How We Deliver
We start by understanding the domain: your terminology, data sources, decision processes, and the systems your teams interact with daily. This context shapes every aspect of the AI tool, from prompt design and retrieval strategy to output format and integration points.
Development follows a prototype-to-production path. We build a working proof of concept against real data early, validate it with end users, and then harden the tool for production: adding error handling, access controls, usage telemetry, and fallback behaviour for edge cases.
Integration is done at the system level, connecting the AI tool to your CRM, ERP, ticketing, or data warehouse via APIs. We implement feedback loops so the tool improves over time based on corrections, usage patterns, and changing business rules.
- Discovery: domain immersion, data source mapping, user workflow analysis
- Prototype: working proof of concept validated with real users and real data
- Production: error handling, access controls, telemetry, edge case coverage
- Integration: API connections to core systems, feedback loops, iterative improvement
Our Approach
Every custom AI tool engagement begins with domain immersion. We spend dedicated time understanding your industry vocabulary, data structures, decision workflows, and the specific contexts in which the tool will operate. Generic AI solutions fail because they lack this contextual grounding. By investing in deep domain understanding upfront, we ensure the tool produces outputs that are immediately useful to the people who will rely on it daily, using the right terminology, referencing the right data sources, and respecting the operational constraints your team works within.
Development follows a deliberate prototype-to-production path. We build a functional proof of concept within the first few weeks, validated against real data and tested by actual end users. This early prototype surfaces misalignments between the tool's behaviour and user expectations before significant engineering effort is invested. Feedback from prototype testing directly shapes the production build, which adds error handling, access controls, rate limiting, usage telemetry, and graceful degradation for edge cases that the prototype did not need to handle.
Integration architecture receives the same level of design rigour as the AI components.

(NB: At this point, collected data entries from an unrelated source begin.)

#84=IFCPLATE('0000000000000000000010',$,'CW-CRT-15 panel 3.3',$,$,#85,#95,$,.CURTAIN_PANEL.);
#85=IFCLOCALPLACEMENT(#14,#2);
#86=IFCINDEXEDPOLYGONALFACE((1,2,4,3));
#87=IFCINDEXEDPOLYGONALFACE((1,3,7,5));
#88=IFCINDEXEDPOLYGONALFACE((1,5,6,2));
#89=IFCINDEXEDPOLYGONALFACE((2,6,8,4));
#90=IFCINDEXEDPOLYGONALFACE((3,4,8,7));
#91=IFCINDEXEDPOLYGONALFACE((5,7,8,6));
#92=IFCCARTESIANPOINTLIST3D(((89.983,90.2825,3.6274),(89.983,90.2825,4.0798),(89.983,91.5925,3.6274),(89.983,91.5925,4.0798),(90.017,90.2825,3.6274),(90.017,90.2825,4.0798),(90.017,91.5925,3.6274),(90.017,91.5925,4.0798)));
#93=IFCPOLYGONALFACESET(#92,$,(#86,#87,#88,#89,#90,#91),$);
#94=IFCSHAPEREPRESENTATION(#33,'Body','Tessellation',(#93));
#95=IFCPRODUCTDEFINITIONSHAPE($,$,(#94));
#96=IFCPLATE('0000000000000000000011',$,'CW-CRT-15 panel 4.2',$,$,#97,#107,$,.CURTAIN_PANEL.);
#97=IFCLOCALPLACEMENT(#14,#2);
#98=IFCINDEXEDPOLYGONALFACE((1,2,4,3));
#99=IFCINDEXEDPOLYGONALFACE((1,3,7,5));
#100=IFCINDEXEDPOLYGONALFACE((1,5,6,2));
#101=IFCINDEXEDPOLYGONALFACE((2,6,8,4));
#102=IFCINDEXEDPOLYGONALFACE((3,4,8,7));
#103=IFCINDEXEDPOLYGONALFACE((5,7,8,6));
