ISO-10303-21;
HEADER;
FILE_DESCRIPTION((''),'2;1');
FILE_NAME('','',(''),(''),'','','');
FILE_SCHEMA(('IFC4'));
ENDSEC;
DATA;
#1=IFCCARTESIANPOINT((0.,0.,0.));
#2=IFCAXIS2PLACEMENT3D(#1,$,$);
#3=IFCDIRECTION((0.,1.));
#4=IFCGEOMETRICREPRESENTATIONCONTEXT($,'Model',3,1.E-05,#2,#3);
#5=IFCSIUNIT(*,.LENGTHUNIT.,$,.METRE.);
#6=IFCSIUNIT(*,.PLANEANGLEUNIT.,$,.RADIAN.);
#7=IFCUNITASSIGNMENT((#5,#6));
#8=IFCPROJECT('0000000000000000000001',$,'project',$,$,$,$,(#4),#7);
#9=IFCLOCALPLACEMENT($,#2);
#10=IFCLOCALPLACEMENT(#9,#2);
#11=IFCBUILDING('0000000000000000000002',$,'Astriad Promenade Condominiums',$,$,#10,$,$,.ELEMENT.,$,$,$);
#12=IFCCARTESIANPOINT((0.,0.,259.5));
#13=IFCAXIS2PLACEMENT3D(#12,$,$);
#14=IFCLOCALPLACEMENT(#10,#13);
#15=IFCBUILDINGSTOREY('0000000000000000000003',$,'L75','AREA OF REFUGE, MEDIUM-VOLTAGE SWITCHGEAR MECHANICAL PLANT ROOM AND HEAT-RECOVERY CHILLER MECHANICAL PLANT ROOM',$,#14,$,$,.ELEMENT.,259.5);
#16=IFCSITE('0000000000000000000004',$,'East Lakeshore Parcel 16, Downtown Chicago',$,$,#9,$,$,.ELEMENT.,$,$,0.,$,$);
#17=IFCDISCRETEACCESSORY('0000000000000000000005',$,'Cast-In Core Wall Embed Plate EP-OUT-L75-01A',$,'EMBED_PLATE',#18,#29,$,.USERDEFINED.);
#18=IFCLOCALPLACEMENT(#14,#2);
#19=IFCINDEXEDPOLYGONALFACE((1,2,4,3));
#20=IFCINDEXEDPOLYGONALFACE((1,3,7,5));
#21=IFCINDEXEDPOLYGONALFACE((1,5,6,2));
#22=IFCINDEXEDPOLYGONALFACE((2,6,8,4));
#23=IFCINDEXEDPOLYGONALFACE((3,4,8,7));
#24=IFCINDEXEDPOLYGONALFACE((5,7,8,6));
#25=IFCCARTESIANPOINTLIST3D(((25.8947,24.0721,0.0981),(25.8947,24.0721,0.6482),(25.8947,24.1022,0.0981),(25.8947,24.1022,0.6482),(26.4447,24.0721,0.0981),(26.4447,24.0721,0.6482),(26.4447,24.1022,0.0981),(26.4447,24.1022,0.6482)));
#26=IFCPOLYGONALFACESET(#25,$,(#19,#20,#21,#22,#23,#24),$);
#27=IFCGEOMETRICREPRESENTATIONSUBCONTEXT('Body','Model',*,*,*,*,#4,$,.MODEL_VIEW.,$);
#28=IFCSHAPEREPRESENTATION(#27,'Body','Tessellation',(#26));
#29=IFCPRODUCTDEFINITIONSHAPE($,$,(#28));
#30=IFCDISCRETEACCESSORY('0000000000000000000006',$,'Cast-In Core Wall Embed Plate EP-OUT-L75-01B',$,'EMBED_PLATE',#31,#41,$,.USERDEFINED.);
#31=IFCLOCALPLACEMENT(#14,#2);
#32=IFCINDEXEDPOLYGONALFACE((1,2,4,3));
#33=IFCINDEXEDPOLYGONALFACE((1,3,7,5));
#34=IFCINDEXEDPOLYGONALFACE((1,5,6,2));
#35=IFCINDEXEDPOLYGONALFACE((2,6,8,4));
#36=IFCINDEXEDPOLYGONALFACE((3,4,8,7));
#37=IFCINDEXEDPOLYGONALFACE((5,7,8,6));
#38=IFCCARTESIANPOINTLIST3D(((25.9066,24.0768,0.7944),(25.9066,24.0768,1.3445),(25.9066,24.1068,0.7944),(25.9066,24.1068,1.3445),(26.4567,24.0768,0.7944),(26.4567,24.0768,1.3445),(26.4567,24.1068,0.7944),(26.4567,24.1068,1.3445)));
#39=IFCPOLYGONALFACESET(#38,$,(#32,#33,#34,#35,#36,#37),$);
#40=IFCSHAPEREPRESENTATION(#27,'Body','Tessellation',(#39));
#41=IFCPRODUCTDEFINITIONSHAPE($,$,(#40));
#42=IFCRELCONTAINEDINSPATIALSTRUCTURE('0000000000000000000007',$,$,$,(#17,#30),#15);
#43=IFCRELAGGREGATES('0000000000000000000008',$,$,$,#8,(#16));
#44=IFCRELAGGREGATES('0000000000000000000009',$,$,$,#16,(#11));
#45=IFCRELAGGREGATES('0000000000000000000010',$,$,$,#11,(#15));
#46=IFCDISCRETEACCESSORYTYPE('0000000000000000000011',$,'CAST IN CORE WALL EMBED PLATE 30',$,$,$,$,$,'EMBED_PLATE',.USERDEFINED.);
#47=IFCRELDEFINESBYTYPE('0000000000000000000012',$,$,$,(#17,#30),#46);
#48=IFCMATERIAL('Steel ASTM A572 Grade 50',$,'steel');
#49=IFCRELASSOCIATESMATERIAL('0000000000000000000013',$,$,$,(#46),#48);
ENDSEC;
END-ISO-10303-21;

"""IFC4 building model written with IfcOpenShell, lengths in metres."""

from ifc_helpers import new_model, si_unit, direction, frame, origin, origin_2d, place, context, subcontext, project, spatial, rectangle, extrude, source, transform, mapped, material, type_object, type_shapes, element, save


model = new_model("IFC4")

# Units and contexts
model_context = context("Model", 3, precision=1e-05, world=origin(), true_north=direction((0.0, 1.0)))
body_context = subcontext(model_context, "Body", "Model", "MODEL_VIEW")
ifc_project = project(units=[si_unit("LENGTHUNIT", "METRE"), si_unit("PLANEANGLEUNIT", "RADIAN")], contexts=[model_context])

# Site, building, storey
site_placement = place(None, origin())
site = spatial("IfcSite", under=ifc_project, at=site_placement, Name="East Lakeshore Parcel 16, Downtown Chicago", CompositionType="ELEMENT", RefElevation=0.0)
building_placement = place(site_placement, origin())
building = spatial("IfcBuilding", under=site, at=building_placement, Name="Astriad Promenade Condominiums", CompositionType="ELEMENT")
storey_placement = place(building_placement, frame((0.0, 0.0, 259.5)))
storey = spatial("IfcBuildingStorey", under=building, at=storey_placement, Name="L75", Description="AREA OF REFUGE, MEDIUM-VOLTAGE SWITCHGEAR MECHANICAL PLANT ROOM AND HEAT-RECOVERY CHILLER MECHANICAL PLANT ROOM", CompositionType="ELEMENT", Elevation=259.5)

# Shared definitions
ifc_material_1 = material(Name="Steel ASTM A572 Grade 50", Category="steel")

# Discrete accessories
discrete_accessory_type = type_object("IfcDiscreteAccessoryType", Name="CAST IN CORE WALL EMBED PLATE 30", ElementType="EMBED_PLATE", PredefinedType="USERDEFINED", material=ifc_material_1)
shared_shape_1 = source(origin(), body_context, "Body", "SweptSolid", [
    extrude(rectangle(XDim=0.55, YDim=0.03, at=origin_2d()), origin(), (0.0, 0.0, 1.0), 0.55),
])
type_shapes(discrete_accessory_type, [shared_shape_1])
for number, where, z_axis, x_axis, name in (
    (1, (26.1697, 24.0872, 0.0981), (0.0, 0.0, 1.0), (1.0, 0.0, 0.0), "Cast-In Core Wall Embed Plate EP-OUT-L75-01A"),
    (2, (26.1816, 24.0918, 0.7944), (0.0, 0.0, 1.0), (1.0, 0.0, 0.0), "Cast-In Core Wall Embed Plate EP-OUT-L75-01B"),
):
    element("IfcDiscreteAccessory", number, at=place(storey_placement, frame(where, z_axis=z_axis, x_axis=x_axis)), inside=storey, type_object=discrete_accessory_type, Name=name, ObjectType="EMBED_PLATE", PredefinedType="USERDEFINED", context=body_context, shape_type="MappedRepresentation", body=[
        mapped(shared_shape_1, transform((0.0, 0.0, 0.0), scale=1.0)),
    ])

save(model, "model.ifc")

The tool must connect to your existing systems, whether that is a CRM, ERP, ticketing platform, data warehouse, or internal API. We design these integrations with explicit data contracts, authentication flows, error recovery behaviour, and rate-limiting safeguards. The integration layer is built to be resilient: if a downstream system is unavailable, the AI tool degrades gracefully rather than failing silently or producing incorrect results.
Continuous improvement is treated as an operational discipline, not a one-time feature. We instrument every AI tool with telemetry that captures usage patterns, response quality signals, user corrections, and system performance metrics. This data feeds a structured review cycle where model configurations, retrieval strategies, and prompt designs are refined based on real-world evidence. The tool gets better over time because improvement is built into the operating model, not dependent on ad-hoc intervention.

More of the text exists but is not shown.